You're missing out on the best parts of having a pet by banishing your cat to the outside. We all have to compromise a bit and make adjustments when we make the decision to get a pet. It's kind of like having a kid that way. The rewards of having a pet can be great, but what you get out of it depends on what you're willing to put into it.

So please bring your kitty inside and work on this. I really think that you could make it work out. And if you decide that it's not going to work having a cat indoors, please consider doing what's best for the cat by finding him a new home instead of turning him out again.


----------



## MowMow (Nov 6, 2010)

What's the big deal? Keep things put away and wipe off the table/counters before preparing food/eating.....


----------



## marie73 (Jul 12, 2006)

Make your counters and tables boring for two reasons: (1) Your cat will also find it boring and will eventually jump up, look around, be bored and jump back down; and (2) you won't be stressing because there's nothing he can get into/break/destroy.

Cali knows she can sit on the counter on other side of the sink while I cook, do dishes, etc. I like the company, to be honest. :grin:


----------



## CatMonkeys (Sep 27, 2012)

marie73 said:


> Make your counters and tables boring for two reasons: (1) Your cat will also find it boring and will eventually jump up, look around, be bored and jump back down


One of my cats seeks out bare tables/counters so she can stretch out and take a nap  I mean, why sleep in one of the 4 cat beds/baskets, the sofa, or my bed when there's a nice hard table? LOL

I don't see what the problem with cats on counters is; just don't leave anything potentially dangerous out.


----------



## fanwoodguy (Oct 14, 2011)

Cats do not need to be on tables or kitchen counters. They will respect boundaries if you set them and are consistent in the enforcement of same. Loud noise, NO, water spray all work if consistently applied. My cats have NEVER been allowed that space and have all learned to respect that location of the house. They climb all over everything else but not where people eat.


----------



## marie73 (Jul 12, 2006)

While you're home. :grin:


----------



## aniela (Jun 27, 2011)

Cats on counters happen.


----------



## Ragdoll_Joy (Jul 13, 2012)

And if it doesn't happen when you are home...it certainly happends when you are away! LOL!


----------



## scottd (Jun 28, 2011)

Cats will climb wherever they want. You may just not know it. My aunt left a cabinet open once and their cat knocked everything out of it and made a bed.


----------



## LakotaWolf (Aug 10, 2012)

Scare the living daylights out of him by yelling or rattling a can of coins when you catch him on the counter or table. He will very quickly learn that they are terrifying spaces he should not mess with. Cats are smart ;}


----------



## Ragdoll_Joy (Jul 13, 2012)

Yelling does nothing to Joy...LOL
She just lays down on the counter and looks at us. Or she jumps down and meows at us depending on her mood!


----------



## rightsaidfed (May 31, 2012)

It's a losing battle in my house. I remove him from the kitchen table whenever I see him, but I'm sure he does it when I'm away. 
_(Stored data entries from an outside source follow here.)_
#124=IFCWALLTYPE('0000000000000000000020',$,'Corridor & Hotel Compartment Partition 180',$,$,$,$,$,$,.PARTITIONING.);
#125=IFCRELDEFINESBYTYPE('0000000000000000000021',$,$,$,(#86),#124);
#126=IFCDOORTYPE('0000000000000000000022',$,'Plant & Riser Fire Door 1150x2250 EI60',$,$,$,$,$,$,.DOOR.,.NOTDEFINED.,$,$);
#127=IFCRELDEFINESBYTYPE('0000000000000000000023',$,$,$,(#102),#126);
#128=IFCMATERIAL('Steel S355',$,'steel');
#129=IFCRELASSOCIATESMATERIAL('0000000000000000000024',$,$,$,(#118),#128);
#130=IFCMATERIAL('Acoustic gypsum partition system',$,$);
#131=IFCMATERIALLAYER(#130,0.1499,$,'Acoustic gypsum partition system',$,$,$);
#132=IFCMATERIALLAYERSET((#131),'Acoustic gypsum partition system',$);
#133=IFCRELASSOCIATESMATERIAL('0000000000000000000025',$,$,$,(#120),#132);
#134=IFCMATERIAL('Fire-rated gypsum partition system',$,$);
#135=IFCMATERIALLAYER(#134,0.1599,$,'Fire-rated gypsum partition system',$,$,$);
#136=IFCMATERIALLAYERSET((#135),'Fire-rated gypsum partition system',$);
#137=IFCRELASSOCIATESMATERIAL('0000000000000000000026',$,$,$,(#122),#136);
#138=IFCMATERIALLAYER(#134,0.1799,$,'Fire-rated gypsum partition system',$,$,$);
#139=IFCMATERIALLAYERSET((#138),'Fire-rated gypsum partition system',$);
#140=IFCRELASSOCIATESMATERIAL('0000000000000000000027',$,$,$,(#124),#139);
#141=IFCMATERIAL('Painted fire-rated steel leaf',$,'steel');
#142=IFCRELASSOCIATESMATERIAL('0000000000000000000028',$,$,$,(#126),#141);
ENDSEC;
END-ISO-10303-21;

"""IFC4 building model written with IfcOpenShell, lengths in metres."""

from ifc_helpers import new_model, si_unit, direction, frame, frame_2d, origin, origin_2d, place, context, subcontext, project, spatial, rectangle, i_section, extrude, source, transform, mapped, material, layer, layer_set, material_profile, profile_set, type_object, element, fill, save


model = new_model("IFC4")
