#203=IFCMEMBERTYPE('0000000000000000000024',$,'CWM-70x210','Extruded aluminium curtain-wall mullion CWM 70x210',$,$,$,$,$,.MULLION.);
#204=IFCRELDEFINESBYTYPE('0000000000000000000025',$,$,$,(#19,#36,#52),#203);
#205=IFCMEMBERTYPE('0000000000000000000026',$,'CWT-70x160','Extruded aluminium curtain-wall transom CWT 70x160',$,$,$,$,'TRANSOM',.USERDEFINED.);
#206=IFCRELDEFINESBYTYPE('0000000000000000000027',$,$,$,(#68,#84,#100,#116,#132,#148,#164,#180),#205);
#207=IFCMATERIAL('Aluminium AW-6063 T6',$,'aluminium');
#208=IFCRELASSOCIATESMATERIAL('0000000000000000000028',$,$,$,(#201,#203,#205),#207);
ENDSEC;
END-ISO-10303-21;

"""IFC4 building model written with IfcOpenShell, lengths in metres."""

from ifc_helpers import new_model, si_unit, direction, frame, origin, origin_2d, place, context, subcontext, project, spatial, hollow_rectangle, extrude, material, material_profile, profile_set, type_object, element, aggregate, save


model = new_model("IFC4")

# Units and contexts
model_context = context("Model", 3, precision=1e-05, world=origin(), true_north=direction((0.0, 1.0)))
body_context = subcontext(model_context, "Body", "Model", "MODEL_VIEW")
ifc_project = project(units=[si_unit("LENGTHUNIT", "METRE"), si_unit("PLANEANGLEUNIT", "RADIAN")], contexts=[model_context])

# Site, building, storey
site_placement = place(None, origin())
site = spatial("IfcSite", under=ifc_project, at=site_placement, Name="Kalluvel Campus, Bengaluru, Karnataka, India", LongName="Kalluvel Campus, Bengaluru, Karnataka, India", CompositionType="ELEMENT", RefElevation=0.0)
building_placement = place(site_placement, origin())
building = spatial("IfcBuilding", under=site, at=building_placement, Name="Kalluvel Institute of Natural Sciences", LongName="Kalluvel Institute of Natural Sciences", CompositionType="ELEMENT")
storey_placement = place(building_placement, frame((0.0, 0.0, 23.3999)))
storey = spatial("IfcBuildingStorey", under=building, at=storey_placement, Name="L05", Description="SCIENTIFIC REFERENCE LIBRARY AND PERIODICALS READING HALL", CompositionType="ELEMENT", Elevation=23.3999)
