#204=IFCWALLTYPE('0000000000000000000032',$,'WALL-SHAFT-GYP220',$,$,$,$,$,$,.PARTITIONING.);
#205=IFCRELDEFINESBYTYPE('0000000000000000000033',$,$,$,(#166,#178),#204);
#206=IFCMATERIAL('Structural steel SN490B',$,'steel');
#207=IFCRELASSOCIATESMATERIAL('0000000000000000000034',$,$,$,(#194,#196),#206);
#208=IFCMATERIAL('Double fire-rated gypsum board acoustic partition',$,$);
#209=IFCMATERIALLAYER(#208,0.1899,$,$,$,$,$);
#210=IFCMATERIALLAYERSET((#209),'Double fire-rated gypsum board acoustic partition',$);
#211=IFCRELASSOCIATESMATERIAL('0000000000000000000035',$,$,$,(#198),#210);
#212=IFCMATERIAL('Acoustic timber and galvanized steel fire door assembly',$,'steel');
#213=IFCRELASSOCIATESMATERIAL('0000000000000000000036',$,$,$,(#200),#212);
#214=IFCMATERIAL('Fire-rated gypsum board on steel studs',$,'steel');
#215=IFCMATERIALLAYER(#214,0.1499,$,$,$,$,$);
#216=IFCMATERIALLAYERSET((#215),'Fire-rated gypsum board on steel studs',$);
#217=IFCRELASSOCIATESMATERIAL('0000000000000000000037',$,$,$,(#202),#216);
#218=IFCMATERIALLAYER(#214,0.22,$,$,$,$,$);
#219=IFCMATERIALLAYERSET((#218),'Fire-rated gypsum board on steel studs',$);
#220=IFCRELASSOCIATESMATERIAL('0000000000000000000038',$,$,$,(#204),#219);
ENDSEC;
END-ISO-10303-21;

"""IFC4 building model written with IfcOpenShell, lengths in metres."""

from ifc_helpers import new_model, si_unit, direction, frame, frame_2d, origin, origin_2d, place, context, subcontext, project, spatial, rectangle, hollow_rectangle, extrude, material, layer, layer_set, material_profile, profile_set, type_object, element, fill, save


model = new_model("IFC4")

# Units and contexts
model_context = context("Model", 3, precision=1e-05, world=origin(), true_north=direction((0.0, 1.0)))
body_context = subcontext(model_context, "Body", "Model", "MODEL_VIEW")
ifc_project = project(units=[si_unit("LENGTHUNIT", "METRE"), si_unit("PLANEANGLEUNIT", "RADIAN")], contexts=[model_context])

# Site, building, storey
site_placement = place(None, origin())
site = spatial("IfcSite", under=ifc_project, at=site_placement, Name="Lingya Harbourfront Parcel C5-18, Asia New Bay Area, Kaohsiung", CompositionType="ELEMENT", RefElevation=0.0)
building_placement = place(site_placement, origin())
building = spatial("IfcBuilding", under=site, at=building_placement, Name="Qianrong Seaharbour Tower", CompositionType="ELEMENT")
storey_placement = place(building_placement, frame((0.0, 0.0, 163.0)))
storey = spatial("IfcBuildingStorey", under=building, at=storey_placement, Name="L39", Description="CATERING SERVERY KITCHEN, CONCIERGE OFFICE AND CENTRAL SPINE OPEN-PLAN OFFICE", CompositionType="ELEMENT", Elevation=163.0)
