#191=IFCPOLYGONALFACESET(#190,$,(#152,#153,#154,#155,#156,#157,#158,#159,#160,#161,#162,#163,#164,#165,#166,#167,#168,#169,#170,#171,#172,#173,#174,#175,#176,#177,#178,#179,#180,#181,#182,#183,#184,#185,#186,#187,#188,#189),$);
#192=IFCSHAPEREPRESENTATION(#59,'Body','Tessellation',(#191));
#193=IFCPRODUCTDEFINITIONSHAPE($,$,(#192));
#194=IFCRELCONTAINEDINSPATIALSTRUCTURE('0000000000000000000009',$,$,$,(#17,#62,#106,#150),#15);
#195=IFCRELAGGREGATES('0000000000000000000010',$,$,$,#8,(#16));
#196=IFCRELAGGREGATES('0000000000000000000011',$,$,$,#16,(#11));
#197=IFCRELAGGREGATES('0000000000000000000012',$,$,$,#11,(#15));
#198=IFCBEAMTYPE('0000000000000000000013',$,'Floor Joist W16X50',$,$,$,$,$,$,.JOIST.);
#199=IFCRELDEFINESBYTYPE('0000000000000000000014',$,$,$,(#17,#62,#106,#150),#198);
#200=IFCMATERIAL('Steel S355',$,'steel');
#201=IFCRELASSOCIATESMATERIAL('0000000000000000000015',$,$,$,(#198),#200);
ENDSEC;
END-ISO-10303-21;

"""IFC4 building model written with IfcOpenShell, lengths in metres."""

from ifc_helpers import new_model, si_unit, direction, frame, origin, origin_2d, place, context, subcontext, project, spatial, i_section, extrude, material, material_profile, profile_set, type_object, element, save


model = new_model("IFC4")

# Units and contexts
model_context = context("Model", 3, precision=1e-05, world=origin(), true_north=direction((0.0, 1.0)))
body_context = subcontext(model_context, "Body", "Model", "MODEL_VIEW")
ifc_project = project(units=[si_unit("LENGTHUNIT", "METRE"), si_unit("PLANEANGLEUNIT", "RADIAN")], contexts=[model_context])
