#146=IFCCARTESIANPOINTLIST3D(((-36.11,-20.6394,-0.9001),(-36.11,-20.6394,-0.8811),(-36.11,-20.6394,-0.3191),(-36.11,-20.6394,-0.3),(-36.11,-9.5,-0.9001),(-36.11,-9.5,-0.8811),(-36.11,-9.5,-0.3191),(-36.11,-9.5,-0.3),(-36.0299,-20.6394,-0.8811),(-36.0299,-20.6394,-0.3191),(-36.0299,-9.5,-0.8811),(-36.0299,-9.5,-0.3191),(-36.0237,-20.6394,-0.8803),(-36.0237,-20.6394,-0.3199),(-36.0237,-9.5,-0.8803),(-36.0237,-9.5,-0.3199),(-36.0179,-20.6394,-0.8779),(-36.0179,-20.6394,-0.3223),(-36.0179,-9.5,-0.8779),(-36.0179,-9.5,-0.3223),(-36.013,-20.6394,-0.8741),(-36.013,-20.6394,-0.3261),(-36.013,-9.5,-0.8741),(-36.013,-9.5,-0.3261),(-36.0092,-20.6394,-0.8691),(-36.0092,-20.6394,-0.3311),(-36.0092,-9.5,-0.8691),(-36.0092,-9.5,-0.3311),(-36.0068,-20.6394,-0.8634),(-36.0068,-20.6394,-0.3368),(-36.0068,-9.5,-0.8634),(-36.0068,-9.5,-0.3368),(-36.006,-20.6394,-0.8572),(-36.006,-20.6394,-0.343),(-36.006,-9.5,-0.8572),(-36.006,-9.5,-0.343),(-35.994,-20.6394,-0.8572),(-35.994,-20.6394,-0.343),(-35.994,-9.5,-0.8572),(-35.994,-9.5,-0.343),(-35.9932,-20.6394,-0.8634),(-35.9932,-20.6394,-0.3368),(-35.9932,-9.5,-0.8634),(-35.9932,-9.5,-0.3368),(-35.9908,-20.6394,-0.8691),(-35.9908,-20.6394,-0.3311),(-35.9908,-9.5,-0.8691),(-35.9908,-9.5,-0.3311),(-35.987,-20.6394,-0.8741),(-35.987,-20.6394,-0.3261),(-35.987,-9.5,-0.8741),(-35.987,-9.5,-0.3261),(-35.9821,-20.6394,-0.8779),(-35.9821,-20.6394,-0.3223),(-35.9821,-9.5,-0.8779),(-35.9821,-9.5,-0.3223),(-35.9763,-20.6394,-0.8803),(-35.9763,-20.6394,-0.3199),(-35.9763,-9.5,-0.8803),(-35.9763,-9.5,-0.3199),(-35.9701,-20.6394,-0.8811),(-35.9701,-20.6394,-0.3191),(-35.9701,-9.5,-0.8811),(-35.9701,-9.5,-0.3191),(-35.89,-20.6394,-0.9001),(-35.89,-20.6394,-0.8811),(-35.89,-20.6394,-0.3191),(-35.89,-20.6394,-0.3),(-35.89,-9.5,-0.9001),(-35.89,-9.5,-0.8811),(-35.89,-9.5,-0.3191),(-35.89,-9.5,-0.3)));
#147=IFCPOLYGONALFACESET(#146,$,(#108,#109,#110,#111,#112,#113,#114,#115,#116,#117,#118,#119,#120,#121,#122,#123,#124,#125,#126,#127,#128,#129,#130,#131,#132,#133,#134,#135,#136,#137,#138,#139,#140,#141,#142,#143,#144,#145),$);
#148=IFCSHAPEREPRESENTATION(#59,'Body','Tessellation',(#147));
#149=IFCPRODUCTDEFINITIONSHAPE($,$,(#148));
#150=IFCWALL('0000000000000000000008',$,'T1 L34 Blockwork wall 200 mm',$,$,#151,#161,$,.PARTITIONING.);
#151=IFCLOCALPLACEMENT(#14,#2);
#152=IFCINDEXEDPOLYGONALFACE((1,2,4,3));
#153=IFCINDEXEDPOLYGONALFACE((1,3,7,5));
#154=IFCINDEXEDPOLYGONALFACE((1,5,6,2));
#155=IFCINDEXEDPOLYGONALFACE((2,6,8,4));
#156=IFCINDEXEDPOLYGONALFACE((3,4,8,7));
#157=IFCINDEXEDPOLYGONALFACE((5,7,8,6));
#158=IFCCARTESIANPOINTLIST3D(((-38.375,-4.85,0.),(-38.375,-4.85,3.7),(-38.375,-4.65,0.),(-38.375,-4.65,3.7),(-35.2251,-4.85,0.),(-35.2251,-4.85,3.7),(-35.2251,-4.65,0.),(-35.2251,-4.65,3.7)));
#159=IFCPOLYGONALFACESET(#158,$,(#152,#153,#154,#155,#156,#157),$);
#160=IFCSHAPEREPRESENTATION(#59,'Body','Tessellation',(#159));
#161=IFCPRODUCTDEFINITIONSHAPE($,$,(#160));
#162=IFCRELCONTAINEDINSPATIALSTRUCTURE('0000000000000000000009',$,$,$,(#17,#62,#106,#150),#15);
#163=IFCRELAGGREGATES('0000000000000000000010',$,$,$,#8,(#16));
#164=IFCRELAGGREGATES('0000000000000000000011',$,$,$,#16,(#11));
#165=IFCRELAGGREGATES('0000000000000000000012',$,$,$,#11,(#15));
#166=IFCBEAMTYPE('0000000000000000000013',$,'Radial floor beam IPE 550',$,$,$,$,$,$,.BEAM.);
I don't see him on counters often, but I've gotten in the habit of disinfecting kitchen surfaces before I do any food prep or eating - this is probably a smart idea anyway even without pets. 
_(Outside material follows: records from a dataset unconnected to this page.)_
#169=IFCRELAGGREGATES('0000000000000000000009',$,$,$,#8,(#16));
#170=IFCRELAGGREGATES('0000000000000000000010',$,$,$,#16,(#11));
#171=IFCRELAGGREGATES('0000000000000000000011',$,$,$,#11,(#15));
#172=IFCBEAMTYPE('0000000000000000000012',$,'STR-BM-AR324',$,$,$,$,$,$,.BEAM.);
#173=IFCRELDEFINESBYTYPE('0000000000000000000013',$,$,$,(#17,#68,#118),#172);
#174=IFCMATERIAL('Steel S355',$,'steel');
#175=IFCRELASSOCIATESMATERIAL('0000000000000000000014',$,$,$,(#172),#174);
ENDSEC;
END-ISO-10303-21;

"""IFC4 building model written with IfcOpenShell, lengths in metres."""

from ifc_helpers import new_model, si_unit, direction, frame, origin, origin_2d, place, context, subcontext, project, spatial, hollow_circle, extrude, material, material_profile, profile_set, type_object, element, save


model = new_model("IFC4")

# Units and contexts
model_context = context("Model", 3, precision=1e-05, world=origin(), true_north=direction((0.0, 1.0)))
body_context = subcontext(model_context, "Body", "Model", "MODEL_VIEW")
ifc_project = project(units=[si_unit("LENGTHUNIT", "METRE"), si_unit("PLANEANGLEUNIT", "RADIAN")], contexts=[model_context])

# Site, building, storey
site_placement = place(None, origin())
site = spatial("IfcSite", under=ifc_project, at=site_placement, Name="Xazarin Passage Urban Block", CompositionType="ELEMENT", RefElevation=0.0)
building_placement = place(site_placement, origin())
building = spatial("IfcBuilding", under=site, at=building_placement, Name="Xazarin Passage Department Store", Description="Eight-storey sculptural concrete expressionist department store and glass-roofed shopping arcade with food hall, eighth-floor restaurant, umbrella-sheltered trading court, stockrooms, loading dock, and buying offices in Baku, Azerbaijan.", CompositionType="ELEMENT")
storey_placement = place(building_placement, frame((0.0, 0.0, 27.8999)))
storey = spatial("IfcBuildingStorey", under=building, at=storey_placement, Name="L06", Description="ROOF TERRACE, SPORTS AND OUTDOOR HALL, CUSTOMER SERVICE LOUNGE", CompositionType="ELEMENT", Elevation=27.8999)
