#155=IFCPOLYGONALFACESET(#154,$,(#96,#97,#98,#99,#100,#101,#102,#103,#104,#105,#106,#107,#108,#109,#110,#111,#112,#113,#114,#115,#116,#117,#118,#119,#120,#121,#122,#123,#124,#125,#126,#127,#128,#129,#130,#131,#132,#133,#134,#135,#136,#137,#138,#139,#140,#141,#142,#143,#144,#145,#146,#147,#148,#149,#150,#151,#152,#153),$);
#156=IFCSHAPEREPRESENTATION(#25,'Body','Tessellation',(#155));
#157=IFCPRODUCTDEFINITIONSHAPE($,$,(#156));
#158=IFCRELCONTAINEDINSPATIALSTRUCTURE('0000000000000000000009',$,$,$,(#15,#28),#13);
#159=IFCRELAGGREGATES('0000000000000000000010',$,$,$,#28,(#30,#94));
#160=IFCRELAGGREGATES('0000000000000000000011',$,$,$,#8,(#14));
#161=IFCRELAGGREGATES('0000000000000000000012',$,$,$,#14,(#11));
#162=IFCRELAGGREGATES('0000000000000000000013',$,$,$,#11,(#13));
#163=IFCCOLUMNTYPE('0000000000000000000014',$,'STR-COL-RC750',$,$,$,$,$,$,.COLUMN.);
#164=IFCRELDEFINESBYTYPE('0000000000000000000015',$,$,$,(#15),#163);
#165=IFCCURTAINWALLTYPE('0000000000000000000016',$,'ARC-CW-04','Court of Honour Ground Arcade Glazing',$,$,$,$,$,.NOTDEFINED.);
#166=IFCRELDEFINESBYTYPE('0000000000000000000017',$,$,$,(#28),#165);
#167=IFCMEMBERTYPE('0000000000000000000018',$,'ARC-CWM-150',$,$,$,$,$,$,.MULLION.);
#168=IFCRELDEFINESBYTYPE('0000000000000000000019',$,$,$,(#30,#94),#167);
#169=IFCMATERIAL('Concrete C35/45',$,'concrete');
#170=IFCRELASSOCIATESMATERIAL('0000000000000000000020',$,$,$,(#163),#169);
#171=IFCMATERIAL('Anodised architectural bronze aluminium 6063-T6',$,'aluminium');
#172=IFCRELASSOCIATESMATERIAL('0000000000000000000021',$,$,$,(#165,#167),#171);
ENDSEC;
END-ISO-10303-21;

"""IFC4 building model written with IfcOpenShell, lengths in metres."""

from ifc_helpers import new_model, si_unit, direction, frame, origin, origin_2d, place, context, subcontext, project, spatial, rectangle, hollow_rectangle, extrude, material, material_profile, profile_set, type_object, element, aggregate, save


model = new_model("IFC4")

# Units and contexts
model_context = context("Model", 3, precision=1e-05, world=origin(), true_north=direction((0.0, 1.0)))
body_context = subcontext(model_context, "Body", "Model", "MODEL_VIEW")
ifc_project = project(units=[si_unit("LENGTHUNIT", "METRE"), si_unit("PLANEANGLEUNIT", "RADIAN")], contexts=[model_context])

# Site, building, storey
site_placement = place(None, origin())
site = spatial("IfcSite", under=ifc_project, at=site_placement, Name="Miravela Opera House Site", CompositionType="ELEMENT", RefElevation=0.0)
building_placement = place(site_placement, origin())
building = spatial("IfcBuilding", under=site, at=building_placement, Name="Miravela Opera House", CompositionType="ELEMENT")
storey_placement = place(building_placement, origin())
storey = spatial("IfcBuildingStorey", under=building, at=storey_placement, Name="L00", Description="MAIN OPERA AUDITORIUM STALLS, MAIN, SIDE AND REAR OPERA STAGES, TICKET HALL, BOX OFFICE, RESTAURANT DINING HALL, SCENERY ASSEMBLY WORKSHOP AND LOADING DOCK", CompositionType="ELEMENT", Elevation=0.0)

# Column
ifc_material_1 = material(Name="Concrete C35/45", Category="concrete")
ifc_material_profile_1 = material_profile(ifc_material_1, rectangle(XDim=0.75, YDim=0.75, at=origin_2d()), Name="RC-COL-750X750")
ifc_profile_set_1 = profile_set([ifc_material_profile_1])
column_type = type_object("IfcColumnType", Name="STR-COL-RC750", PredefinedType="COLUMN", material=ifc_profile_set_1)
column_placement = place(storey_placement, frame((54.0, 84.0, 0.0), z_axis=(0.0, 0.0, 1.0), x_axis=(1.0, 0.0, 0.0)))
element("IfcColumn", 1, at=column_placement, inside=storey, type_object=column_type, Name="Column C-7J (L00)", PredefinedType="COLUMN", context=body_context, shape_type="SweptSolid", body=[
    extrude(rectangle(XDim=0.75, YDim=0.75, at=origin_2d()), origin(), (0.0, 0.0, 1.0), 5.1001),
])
Sent from my iPhone using Petguide.com Free App


----------



## 3furbabies (Dec 7, 2011)

My cats use to do this all the time when they were kittens. I corrected them and they stopped. Now they just do it when no one is home... I know this because I occasionally find the kitchen sponge/cloth on the living room floor. Deter him as much as you can and buy a tall cat tree and shelving for him to climb. That said, cats will go where they want. When I come home I always find every bedroom closet open a crack. Bf caught one of them napping on the shelves in there the other day...


----------



## Goldtanker (Jan 9, 2011)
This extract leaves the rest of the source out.